To cite the hyper2 package in publications, please use Hankin (2017).

The powers of a hyper2 object generally sum to zero. This is implicit in Bradley-Terry type likelihood functions in which probabilities are generally ratios of linear combinations of strengths. Here I discuss this observation in the context of hyper2 package idiom. Usually, powers not summing to zero is an indication of a programming bug. For example, consider the following likelihood function, drawn from the chess dataset:

p130p236p322(p1+p2)35(p2+p3)35(p1+p3)18 \frac{p_1^{30}p_2^{36}p_3^{22}}{ \left(p_1+p_2\right)^{35} \left(p_2+p_3\right)^{35} \left(p_1+p_3\right)^{18} }

For a time, one package documentation file contained the following hyper2 idiom purporting to create the chess likelihood function:

chess <- hyper2()
chess["Topalov"] <- 30
chess["Anand"  ] <- 36
chess["Karpov" ] <- 22
chess[c("Topalov","Anand" )] <- 35  # bug!  should  be -35
chess[c("Anand","Karpov"  )] <- 35  # bug!  should  be -35
chess[c("Karpov","Topalov")] <- 18  # bug!  should  be -18

However, the above commands include an error [the sign of the denominator is incorrect]. The package includes two mechanisms to detect this type of error. Firstly, the print method (by default) detects such unbalanced likelihood functions and gives a warning:

chess
## Warning in print.hyper2(x): powers have nonzero sum
## log(Anand^36 * (Anand + Karpov)^35 * (Anand + Topalov)^35 * Karpov^22 *
## (Karpov + Topalov)^18 * Topalov^30)

and secondly, function loglik() traps nonzero power sums:

loglik(equalp(chess),chess)
## Error in loglik_single(p, H, log = log): sum(powers(H)) == 0 is not TRUE

The correct idiom would be

chess[c("Topalov","Anand" )] <- -35
chess[c("Anand","Karpov"  )] <- -35
chess[c("Karpov","Topalov")] <- -18
chess
## log(Anand^36 * (Anand + Karpov)^-35 * (Anand + Topalov)^-35 * Karpov^22
## * (Karpov + Topalov)^-18 * Topalov^30)
loglik(equalp(chess),chess)
## [1] -60.99695

See how the print method gives immediate assurance that its argument is indeed balanced (and besides, unbalanced likelihood functions cannot even be evaluated with loglik()).
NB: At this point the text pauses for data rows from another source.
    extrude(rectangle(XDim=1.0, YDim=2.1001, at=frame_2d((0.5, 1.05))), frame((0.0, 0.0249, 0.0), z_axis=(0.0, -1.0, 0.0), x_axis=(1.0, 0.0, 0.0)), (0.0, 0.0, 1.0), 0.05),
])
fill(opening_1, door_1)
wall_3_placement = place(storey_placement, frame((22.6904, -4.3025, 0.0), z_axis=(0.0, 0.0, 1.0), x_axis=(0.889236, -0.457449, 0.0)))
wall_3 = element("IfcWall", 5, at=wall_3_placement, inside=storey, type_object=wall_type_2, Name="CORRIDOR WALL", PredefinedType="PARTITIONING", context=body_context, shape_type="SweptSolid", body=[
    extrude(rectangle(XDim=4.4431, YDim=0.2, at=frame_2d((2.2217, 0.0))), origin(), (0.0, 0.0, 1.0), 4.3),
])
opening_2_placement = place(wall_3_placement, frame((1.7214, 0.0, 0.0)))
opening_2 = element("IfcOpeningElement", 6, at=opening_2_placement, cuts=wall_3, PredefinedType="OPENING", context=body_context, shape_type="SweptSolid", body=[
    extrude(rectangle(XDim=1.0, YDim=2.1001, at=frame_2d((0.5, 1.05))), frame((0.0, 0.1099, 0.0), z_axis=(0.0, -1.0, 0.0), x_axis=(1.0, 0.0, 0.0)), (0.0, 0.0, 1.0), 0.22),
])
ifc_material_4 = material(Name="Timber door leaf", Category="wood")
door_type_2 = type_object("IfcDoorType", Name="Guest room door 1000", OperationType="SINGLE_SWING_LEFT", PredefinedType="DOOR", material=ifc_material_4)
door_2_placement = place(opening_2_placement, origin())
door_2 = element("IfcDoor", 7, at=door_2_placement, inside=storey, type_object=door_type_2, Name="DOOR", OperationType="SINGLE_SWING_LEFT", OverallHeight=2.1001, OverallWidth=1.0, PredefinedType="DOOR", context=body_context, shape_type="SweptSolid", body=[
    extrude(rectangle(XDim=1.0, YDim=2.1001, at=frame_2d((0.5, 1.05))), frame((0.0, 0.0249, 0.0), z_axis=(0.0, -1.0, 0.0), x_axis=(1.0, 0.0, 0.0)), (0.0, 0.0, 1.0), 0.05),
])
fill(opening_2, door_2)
It is natural to suggest including a check in the creation method—hyper2()—which would prevent the creation of a hyper2 object with unbalanced powers. However, this approach is not consistent with the package; consider the following situation. Suppose we wish to incorporate a new observation into chess, specifically that Anand played Karpov twice, with one win each. We might proceed as follows:

chess["Anand" ] %<>% inc
chess["Karpov"] %<>% inc
chess[c("Anand,Karpov")]  %<>% dec(2)
chess
## log(Anand^37 * (Anand + Karpov)^-35 * (Anand + Topalov)^-35 *
## Anand,Karpov^-2 * Karpov^23 * (Karpov + Topalov)^-18 * Topalov^30)

However, after the increments but before the decrements, second, chess has a nonzero power sum, pending addition of another term. At this point, chess is unbalanced; its nonzero power sum is an indicator that it is a temporary object. That’s OK as long as we remember to add the denominator (as carried out in the next line) which would mean dividing by (Anand+Karpov)^2, thereby restoring the zero power sum. If we forget to do this, the print method gives us a warning, and indeed loglik() returns an error, which should prompt us to check the coding.

The print method

The hyper2 print method is sensitive to option give_warning_on_nonzero_power_sum. If TRUE (the default), a warning is issued if the powers have nonzero sum. This is usually appropriate. If the option is FALSE, the warning is suppressed. Note that the intermediate likelihood functions in the chess example are not printed (or indeed evaluated), so unbalanced likelihood functions are permitted, but only ephemerally.

Function balance()

Sometimes it is convenient to accommodate the numerator terms all together and enforce the zero power sum at the end. This is accomplished by balance():

H <- hyper2()
H['a'] %<>% inc(5)
H['b'] %<>% inc(2)
H['c'] %<>% inc(9)
H %<>% balance
H
## log(a^5 * (a + b + c)^-16 * b^2 * c^9)

References

Hankin, R. K. S. 2017. “Partial Rank Data with the hyper2 Package: Likelihood Functions for Generalized Bradley-Terry Models.” The R Journal 9 (2): 429–39.